Not so, in this house. I advise the girls to call my brother.

But as I listen, I realize they’re piecing through an interesting problem about change on the molecular level, and my youngest notes that change is the one constant.

It’s a particularly poignant observation for a 15-year-old, and I lay down my knitting and take a walk in the darkness around our house.

This week — heck, these months — seem filled with stories of people around me whose lives are in upheaval. These are all people I know and care about, in varying degrees. I keep thinking how, on a political level, so much misery is caused by exploiting the weakness of others. So, too, in our own personal levels, where so much of our energy often jockeys for a position of strength, betraying a marriage, a confidence, a professional relationship.

Meanwhile, change is the one constant. Surely, if nothing else, that could be a theme for 2020.

And yet, perhaps, it’s not.

In the darkness, I stand near the woodpile, breathing in the scent of sap and fresh wood, of damp soil turned up. Our cat sits on the windowsill, peering out at me. Overhead, the Milky Way spreads across the sky. My daughters’ voices drift through the screen, figuring out their answers, laughing a little — for the moment — happy.

In the Journey

In these warm September days, the little boys who live across the street dig in their dirt driveway, holding up their tractors for me to admire, their faces covered with dirt. The older boy, who’s heading into whatever might be kindergarten this year, wears his Spiderman suit everyday.

Our two houses are at the end of the one-way road. The two brothers, this summer, have begun dismantling the road’s pavement, picking up the broken asphalt pieces and building a tower in their driveway. I look at the tower with immense pleasure. Sure, the world may be falling down around us, but here’s two little boys, recreating the world.

I can’t help but wonder if someday these boys will remember the Covid time as the summer of digging, like I remember the summer of my brother’s fourth year as the time he dug a bear trap — and then fell into it.

On our end, with my daughters, we canoed out to an island of hemlock trees, a beautiful place, silent but for the water lapping the shores and a loon calling across the pond. The girls packed sandwiches and apples and a bag of potato chips. We ate everything and then rowed across the pond. Why not? This is where we are. What’s the rush to go anywhere?
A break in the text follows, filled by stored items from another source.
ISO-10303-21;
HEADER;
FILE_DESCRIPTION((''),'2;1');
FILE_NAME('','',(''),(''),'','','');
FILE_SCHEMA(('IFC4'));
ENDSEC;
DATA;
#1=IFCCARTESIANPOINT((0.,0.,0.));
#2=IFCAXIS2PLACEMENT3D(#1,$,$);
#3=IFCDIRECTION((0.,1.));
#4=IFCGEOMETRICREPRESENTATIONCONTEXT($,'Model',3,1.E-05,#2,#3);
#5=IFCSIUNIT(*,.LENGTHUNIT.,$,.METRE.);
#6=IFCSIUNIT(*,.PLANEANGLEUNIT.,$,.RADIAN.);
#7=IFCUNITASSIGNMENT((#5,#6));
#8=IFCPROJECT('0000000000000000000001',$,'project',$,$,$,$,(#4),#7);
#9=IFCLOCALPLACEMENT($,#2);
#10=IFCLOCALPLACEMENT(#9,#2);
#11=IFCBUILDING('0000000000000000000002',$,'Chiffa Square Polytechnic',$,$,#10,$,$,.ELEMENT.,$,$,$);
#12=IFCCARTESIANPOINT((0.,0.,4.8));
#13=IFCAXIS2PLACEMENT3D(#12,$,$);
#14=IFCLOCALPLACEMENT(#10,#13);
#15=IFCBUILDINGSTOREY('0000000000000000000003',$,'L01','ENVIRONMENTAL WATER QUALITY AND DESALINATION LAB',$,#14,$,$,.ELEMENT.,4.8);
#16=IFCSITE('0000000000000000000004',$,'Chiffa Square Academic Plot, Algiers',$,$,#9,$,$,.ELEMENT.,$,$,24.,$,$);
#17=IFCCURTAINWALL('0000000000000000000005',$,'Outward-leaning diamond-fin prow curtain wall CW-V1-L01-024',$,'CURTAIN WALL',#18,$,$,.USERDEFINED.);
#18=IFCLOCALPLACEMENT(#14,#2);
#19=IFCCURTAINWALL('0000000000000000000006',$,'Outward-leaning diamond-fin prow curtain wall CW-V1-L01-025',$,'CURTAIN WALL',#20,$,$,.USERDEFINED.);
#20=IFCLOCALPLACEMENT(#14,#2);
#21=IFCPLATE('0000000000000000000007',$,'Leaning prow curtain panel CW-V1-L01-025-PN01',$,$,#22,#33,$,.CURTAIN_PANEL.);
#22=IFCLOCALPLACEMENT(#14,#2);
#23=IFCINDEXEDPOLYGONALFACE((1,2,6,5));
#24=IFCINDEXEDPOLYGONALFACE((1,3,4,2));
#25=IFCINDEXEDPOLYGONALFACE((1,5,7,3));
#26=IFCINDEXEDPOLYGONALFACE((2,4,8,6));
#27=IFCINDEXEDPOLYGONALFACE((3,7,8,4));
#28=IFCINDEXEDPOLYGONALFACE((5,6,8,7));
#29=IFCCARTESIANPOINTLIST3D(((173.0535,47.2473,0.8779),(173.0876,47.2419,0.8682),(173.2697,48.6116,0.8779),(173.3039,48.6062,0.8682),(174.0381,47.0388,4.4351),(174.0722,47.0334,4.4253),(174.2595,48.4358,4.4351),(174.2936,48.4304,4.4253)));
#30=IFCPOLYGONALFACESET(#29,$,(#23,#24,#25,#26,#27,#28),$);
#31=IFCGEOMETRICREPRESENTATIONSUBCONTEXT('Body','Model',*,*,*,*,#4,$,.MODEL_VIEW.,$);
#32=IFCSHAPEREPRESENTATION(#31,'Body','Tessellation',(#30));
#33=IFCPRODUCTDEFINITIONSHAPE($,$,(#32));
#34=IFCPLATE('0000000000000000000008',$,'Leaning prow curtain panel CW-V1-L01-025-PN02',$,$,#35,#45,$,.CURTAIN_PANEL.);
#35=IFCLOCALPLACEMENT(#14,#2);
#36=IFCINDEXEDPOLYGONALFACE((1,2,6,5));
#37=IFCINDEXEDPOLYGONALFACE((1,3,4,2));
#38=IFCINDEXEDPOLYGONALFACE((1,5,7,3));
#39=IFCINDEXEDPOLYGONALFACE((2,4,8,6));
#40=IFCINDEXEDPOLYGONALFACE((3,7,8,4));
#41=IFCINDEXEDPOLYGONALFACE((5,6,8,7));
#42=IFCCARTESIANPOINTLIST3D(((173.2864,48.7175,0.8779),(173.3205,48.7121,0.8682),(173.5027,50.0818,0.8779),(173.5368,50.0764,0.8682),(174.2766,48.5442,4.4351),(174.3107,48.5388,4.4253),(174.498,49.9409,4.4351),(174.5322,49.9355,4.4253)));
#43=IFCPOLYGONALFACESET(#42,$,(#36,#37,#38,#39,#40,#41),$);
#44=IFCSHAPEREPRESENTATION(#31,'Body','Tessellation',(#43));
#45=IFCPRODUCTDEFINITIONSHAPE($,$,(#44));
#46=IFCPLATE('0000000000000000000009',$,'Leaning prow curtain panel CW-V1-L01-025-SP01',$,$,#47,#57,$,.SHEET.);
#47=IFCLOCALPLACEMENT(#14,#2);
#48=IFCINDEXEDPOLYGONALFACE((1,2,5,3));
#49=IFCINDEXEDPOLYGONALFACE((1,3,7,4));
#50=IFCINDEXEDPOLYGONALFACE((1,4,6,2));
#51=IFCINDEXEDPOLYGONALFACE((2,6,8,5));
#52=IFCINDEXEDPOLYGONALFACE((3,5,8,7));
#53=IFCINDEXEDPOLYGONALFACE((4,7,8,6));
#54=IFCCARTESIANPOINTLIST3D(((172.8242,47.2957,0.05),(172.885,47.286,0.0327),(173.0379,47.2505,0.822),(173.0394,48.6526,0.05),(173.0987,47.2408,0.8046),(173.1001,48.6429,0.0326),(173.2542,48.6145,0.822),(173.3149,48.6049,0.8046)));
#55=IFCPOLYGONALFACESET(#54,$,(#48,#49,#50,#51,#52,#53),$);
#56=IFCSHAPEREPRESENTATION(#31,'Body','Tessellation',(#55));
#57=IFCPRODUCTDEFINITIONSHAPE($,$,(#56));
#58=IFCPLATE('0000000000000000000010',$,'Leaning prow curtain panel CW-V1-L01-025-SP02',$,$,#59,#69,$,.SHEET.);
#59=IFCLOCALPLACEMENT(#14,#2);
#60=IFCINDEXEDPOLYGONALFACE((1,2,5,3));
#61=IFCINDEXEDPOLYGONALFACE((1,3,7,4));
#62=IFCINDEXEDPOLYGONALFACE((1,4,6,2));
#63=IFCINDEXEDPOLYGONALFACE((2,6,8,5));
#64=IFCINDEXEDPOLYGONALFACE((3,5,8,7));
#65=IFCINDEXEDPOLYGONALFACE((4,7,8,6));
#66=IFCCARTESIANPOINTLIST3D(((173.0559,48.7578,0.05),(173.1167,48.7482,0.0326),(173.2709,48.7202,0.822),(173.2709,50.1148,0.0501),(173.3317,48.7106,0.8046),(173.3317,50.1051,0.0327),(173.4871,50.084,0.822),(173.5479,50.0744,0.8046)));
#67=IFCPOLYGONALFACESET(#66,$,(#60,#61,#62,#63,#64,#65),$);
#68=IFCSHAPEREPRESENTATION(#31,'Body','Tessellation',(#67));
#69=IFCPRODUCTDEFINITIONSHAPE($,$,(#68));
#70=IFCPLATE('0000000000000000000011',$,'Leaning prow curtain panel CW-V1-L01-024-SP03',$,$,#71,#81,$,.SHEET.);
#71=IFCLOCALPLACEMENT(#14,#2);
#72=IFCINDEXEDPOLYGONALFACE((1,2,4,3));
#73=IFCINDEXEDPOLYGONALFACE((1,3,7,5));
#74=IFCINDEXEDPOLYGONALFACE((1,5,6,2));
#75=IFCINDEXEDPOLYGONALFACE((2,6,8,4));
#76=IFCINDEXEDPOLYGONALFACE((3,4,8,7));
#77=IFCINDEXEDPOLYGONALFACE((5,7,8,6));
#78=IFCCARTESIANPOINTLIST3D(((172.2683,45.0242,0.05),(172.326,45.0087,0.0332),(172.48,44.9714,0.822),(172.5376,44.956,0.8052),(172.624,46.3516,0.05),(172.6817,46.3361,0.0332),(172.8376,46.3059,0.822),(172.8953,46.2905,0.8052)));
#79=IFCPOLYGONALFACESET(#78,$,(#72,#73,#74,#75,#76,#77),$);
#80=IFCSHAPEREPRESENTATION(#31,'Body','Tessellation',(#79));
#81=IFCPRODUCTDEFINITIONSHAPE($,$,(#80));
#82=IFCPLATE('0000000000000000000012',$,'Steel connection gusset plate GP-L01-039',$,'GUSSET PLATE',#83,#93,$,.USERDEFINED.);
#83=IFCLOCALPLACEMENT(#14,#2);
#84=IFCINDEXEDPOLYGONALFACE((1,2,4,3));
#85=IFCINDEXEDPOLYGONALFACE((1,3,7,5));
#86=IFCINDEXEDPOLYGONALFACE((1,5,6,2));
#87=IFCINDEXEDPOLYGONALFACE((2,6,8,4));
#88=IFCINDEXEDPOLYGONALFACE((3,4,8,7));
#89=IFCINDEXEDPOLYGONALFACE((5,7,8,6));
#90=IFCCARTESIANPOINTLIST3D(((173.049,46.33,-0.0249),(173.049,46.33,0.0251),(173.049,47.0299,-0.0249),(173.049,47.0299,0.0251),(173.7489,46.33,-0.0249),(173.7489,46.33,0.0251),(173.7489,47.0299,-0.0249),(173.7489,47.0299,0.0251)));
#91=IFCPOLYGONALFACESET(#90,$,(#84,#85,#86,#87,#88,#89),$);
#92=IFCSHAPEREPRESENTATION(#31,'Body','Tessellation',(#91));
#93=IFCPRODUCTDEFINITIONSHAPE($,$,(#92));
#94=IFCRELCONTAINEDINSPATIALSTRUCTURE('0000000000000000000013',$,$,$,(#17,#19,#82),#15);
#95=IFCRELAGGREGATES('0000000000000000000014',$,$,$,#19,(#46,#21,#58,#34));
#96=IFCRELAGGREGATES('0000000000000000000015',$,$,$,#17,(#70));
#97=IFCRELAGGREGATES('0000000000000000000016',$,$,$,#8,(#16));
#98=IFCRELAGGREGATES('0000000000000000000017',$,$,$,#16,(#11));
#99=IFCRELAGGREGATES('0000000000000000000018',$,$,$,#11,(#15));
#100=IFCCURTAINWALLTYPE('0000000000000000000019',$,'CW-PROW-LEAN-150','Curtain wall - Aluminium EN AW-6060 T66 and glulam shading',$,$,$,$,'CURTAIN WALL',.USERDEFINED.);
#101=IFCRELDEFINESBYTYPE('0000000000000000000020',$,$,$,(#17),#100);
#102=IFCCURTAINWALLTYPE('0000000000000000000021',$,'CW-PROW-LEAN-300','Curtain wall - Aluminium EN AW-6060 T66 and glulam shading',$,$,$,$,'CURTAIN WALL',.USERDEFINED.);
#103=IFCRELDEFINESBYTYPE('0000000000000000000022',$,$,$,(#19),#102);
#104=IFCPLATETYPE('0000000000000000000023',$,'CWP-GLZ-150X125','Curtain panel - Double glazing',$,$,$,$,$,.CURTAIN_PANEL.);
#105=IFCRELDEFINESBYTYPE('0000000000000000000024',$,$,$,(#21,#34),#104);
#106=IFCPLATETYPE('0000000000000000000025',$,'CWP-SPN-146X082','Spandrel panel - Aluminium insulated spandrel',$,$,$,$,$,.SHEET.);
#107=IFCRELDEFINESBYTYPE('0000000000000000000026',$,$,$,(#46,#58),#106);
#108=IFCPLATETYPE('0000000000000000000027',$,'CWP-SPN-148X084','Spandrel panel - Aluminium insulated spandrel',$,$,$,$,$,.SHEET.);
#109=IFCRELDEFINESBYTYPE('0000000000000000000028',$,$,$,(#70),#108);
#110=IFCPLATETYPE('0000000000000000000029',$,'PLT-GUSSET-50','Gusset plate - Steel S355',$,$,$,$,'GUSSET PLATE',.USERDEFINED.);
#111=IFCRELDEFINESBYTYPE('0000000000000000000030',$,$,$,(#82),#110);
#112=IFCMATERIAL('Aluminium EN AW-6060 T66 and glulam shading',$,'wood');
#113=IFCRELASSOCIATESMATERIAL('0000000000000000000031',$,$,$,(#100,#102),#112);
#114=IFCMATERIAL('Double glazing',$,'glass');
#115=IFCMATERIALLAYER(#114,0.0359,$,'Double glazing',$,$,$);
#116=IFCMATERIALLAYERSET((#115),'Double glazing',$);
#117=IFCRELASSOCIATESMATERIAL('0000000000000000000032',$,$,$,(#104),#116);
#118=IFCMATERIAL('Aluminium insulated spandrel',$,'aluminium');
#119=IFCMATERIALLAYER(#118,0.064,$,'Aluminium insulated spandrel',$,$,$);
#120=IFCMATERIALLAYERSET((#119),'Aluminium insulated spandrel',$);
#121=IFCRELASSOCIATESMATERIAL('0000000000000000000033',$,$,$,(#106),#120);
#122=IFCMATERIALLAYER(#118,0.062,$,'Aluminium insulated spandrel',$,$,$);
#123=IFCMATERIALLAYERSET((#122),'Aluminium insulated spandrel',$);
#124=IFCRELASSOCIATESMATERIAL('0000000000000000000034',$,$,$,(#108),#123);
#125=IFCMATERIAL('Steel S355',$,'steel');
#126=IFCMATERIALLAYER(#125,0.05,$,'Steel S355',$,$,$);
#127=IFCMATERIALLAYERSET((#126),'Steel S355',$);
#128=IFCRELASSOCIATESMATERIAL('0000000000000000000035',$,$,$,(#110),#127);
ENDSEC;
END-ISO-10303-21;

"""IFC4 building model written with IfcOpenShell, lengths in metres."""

from ifc_helpers import new_model, si_unit, direction, frame, origin, origin_2d, place, context, subcontext, project, spatial, polyline, rectangle, outline, extrude, material, layer, layer_set, type_object, element, aggregate, save


model = new_model("IFC4")

# Units and contexts
model_context = context("Model", 3, precision=1e-05, world=origin(), true_north=direction((0.0, 1.0)))
body_context = subcontext(model_context, "Body", "Model", "MODEL_VIEW")
ifc_project = project(units=[si_unit("LENGTHUNIT", "METRE"), si_unit("PLANEANGLEUNIT", "RADIAN")], contexts=[model_context])

# Site, building, storey
site_placement = place(None, origin())
site = spatial("IfcSite", under=ifc_project, at=site_placement, Name="Chiffa Square Academic Plot, Algiers", CompositionType="ELEMENT", RefElevation=24.0)
building_placement = place(site_placement, origin())
building = spatial("IfcBuilding", under=site, at=building_placement, Name="Chiffa Square Polytechnic", CompositionType="ELEMENT")
storey_placement = place(building_placement, frame((0.0, 0.0, 4.8)))
storey = spatial("IfcBuildingStorey", under=building, at=storey_placement, Name="L01", Description="ENVIRONMENTAL WATER QUALITY AND DESALINATION LAB", CompositionType="ELEMENT", Elevation=4.8)

# Shared definitions
ifc_material_1 = material(Name="Steel S355", Category="steel")

# Curtain wall
ifc_material_2 = material(Name="Aluminium EN AW-6060 T66 and glulam shading", Category="wood")
curtain_wall_type_1 = type_object("IfcCurtainWallType", Name="CW-PROW-LEAN-150", Description="Curtain wall - Aluminium EN AW-6060 T66 and glulam shading", ElementType="CURTAIN WALL", PredefinedType="USERDEFINED", material=ifc_material_2)
curtain_wall_1_placement = place(storey_placement, origin())
curtain_wall_1 = element("IfcCurtainWall", 1, at=curtain_wall_1_placement, inside=storey, type_object=curtain_wall_type_1, Name="Outward-leaning diamond-fin prow curtain wall CW-V1-L01-024", ObjectType="CURTAIN WALL", PredefinedType="USERDEFINED")

# Curtain wall
curtain_wall_type_2 = type_object("IfcCurtainWallType", Name="CW-PROW-LEAN-300", Description="Curtain wall - Aluminium EN AW-6060 T66 and glulam shading", ElementType="CURTAIN WALL", PredefinedType="USERDEFINED", material=ifc_material_2)
curtain_wall_2_placement = place(storey_placement, origin())
curtain_wall_2 = element("IfcCurtainWall", 2, at=curtain_wall_2_placement, inside=storey, type_object=curtain_wall_type_2, Name="Outward-leaning diamond-fin prow curtain wall CW-V1-L01-025", ObjectType="CURTAIN WALL", PredefinedType="USERDEFINED")

# Plates
ifc_material_3 = material(Name="Double glazing", Category="glass")
ifc_layer_1 = layer(ifc_material_3, 0.0359, Name="Double glazing")
ifc_layer_set_1 = layer_set([ifc_layer_1], Name="Double glazing")
plate_type_1 = type_object("IfcPlateType", Name="CWP-GLZ-150X125", Description="Curtain panel - Double glazing", PredefinedType="CURTAIN_PANEL", material=ifc_layer_set_1)
plate_1_placement = place(storey_placement, frame((173.0535, 47.2473, 0.8779), z_axis=(-0.950453, 0.150677, 0.271911), x_axis=(0.156578, 0.987666, 0.000006)))
plate_1 = element("IfcPlate", 3, at=plate_1_placement, type_object=plate_type_1, Name="Leaning prow curtain panel CW-V1-L01-025-PN01", PredefinedType="CURTAIN_PANEL", context=body_context, shape_type="SweptSolid", body=[
    extrude(outline(polyline([(0.0, 0.0), (1.3813, 0.0), (1.3627, -3.6964), (-0.0517, -3.6964), (0.0, 0.0)])), origin(), (0.0, 0.0, -1.0), 0.0359),
])
plate_2_placement = place(storey_placement, frame((173.2864, 48.7175, 0.8779), z_axis=(-0.950447, 0.15069, 0.271926), x_axis=(0.156591, 0.987664, 0.000002)))
plate_2 = element("IfcPlate", 4, at=plate_2_placement, type_object=plate_type_1, Name="Leaning prow curtain panel CW-V1-L01-025-PN02", PredefinedType="CURTAIN_PANEL", context=body_context, shape_type="SweptSolid", body=[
On the eve of school (possibly) reopening, I keep thinking of Maria Montessori’s wisdom….

Preventing war is the work of politicians, establishing peace is the work of educationists.
― Maria Montessori

Nichols Pond, Woodbury, Vermont
Photo by Molly S.

True Compass

Yesterday, my 15-year-old drove on the interstate for the first time. Fittingly, this route was one of our favorites — a hardly used stretch across northern Vermont and New Hampshire.

Coming home, we took the long way around St. Johnsbury, where one interstate joins in with another.

At a particular but unremarkable place, just as we crested a hill, I remember driving this same highway in our old blue Volvo, my then-husband in the passenger seat, our girls in the back, talking and doing some kid craft project. My then-husband and I were listening to an NPR report about Teddy Kennedy and the late senator’s true compass.

So many years have passed since then. Our youngest is now driving, utterly confident, her sister and I offering advice — be wary of semis, know that blind spot. As I’m chauffeured by her, I think how my daughters will be tested in their lives in ways neither of their parents have, their own forming compasses pushed and challenged. So often, I feel I endlessly run my mouth with advice — don’t trust any other driver, suspect impairment and incompetence — but I know my girls always make their choices, create their own lives, enact their own unique dramas.

Mostly, I’m just so damn glad to be here, still part of their lives, ragged and worn out, the worrying mama….

True compass, I ponder as we drive home. This piece I keep to myself.